Bizim, babamıza karşı en büyük görevimiz: okulumuzda başarılı olmak, ileride iyi bir meslek edinmek,mutlu bir aile yuvası kurmamızdır. Biz babamızın emeklerini, beklentilerini asla boşa çıkarmayacağız. Onu çevresinde gururlandıracak, övüneceği başarılar kazanacağız.
Yaşlandığında, babamıza beklediği saygıyı ve ilgili göstereceğiz. Hastalandığında, sağlığına kavuşması için gereken her şeyi yapmaktan geri duymayacağız.
Babamız, emin olsun ki, onu çok seviyoruz. Onun bizim için çektiği sıkıntıları, yorgunlukları unutturacak başarılar elde edeceğiz. Babalar günün kutlu olsun, benim canım babacığım.
“İyi evlat babayı vezir eder; kötü evlat babayı rezil eder.” Sözünü yerine getiren bir değerli Türk evladından örnek veriyorum. Bu kişi Almanya’da doğan bir Türk ailesinin çocuğudur. 14 Haziran 2011, tarihli Akşam gazetesinin birinci sayfası. Başlık şöyle: “Bir Türk Dünya’ya Bedel” en parlak futbolcu 564 TL’lik Mesut ÖZİL Real Madrid’de forma giyen Mesut ÖZİL’ in Mancester United’in ünlü menajeri Alex Ferguson’un yukarıda ki yüksek para teklifini reddettiğini yazdı. Werder Bremen’den 15 Milyon Euro’ya transfer edilen Mesut, hem 17 kat değer kazandı, hem de dünyanın en pahalı oyuncusu ünvanını aldı. ( Bu Türk babası nasıl sevinmesin. Onun nezdinde bütün Türkler seviniyor. Bu çocuğumuzu Allah (c.c.) nazardan esirgesin. Ulu önder Atatürk yıllar önce bu sözü söylemişti. Hatırlatmamda fayda var.) İspanyol kulübü ile 6 yıllık sözleşmesi olan 22 yaşında ki Mesut için Real Madrid’in 25 Milyon Euro’luk bonservis şartı koydurduğu iddia edildi. İspanyol Marca gazetesi, “yaratıcılığı hızı ve asist vermekteki kolaylığıyla” Türk futbolcunun gelecek vaadeden futbolcuların başında geldiğini, Madrid için vazgeçilmez olduğunu yazdı.

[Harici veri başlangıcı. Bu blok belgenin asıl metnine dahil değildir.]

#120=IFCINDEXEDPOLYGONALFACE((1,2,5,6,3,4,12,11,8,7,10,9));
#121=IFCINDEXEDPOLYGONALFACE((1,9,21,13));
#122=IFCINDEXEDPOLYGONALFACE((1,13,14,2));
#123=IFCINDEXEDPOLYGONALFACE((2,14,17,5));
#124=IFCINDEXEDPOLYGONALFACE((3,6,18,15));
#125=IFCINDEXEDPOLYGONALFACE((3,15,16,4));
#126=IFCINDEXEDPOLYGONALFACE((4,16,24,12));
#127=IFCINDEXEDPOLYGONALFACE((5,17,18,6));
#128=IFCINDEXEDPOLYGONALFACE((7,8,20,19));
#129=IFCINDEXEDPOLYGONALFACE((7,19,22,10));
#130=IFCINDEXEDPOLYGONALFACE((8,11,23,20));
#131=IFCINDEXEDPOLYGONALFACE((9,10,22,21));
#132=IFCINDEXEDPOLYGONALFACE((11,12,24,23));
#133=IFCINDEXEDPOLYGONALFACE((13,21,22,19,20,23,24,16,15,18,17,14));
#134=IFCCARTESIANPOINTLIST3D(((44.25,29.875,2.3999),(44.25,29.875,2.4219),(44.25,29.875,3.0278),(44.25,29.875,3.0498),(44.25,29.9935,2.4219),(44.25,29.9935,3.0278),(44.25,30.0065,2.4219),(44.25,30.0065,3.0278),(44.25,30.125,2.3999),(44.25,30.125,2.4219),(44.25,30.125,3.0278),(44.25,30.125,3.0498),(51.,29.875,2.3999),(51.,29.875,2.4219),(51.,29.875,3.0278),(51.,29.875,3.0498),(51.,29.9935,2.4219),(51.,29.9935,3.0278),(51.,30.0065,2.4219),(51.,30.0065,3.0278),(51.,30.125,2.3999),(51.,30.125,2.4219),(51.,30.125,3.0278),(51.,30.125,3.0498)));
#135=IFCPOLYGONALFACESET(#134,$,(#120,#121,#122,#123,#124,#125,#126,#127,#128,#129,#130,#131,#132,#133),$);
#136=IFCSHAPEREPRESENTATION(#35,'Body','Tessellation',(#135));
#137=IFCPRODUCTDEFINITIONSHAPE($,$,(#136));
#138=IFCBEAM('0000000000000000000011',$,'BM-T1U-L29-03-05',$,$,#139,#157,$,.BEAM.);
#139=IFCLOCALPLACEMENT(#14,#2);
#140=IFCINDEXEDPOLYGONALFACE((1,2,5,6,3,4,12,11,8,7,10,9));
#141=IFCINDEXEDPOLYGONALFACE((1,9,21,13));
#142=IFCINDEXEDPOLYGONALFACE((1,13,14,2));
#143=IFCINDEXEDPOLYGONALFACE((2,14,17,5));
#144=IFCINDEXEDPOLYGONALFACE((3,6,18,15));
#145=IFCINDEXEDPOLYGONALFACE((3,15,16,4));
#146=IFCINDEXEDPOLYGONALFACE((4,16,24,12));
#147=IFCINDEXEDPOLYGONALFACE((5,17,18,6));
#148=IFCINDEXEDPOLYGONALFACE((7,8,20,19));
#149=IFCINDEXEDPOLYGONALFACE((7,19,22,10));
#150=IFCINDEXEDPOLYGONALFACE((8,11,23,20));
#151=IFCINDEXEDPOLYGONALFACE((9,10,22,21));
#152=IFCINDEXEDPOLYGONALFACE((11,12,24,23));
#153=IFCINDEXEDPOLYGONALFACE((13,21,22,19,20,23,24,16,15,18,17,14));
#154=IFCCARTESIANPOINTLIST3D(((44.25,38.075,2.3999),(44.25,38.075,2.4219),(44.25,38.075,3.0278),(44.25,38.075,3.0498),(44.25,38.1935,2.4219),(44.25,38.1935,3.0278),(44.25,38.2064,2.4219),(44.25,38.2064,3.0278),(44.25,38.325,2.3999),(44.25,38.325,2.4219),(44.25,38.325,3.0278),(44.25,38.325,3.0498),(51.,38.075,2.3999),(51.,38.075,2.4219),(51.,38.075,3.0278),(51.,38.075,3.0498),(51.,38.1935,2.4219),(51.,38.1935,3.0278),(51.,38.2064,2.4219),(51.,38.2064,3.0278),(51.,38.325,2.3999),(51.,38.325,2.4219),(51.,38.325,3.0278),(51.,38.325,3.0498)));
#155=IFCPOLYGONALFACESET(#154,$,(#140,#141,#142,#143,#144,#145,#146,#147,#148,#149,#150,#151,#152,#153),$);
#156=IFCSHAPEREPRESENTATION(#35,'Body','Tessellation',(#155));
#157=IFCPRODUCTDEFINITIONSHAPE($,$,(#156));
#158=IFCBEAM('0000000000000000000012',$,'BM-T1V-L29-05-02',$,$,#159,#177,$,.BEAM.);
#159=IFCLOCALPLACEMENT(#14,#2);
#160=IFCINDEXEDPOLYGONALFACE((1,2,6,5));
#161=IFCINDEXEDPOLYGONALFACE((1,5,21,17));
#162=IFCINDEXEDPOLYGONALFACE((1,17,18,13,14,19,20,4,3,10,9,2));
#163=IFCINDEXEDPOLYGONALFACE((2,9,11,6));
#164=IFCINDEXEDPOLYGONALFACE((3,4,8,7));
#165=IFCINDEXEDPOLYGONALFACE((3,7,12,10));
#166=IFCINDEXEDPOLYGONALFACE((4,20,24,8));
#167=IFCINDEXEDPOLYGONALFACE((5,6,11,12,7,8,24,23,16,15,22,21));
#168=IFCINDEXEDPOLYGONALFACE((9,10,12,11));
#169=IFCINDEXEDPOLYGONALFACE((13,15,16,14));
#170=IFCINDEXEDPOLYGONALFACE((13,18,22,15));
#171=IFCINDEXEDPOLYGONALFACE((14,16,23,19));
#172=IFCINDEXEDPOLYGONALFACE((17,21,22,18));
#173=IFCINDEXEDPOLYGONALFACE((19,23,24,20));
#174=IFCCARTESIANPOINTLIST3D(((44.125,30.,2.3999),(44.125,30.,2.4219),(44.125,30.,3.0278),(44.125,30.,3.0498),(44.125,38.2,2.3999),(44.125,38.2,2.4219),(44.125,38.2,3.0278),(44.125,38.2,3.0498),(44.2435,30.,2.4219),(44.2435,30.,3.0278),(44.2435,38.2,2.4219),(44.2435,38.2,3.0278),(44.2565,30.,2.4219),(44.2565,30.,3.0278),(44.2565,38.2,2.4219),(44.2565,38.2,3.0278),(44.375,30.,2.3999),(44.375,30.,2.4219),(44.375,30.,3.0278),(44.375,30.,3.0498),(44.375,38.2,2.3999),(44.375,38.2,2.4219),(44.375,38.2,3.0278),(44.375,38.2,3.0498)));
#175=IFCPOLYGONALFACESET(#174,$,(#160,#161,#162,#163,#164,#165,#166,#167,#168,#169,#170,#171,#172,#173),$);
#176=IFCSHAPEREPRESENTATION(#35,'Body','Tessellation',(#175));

Primer Ligin en büyüğü olan Mancester United’da oynamaya sıcak bakmayan Mesut “Madrid’de mutluyum” diyerek teklifi geri çevirdi. Mesutla ilgili haberi manşetine taşıyan Marca gazetesinde “Alex Ferguson, Mesut’un menejeri Reza Fazeli ile temasa geçti” ancak “Teşekkürler Mesut Real Madrid’de çok mutlu ayrılmayı düşünmüyor” diye yazdı.
Babadan oğula
Sevgili oğlum,
Bakma yüzümün fazla gülmediğine. Bilek gücümde, alın terimde sen varsın. Sana karşı duygularımı ancak: baba olduğun zaman anlarsın.
Sevgi ve saygılarımla
Türkiye’mize Milletvekili Seçiminin neticesi hayır, uğur getirsin. Başı dik olarak devletimiz ebediyete kadar yaşasın.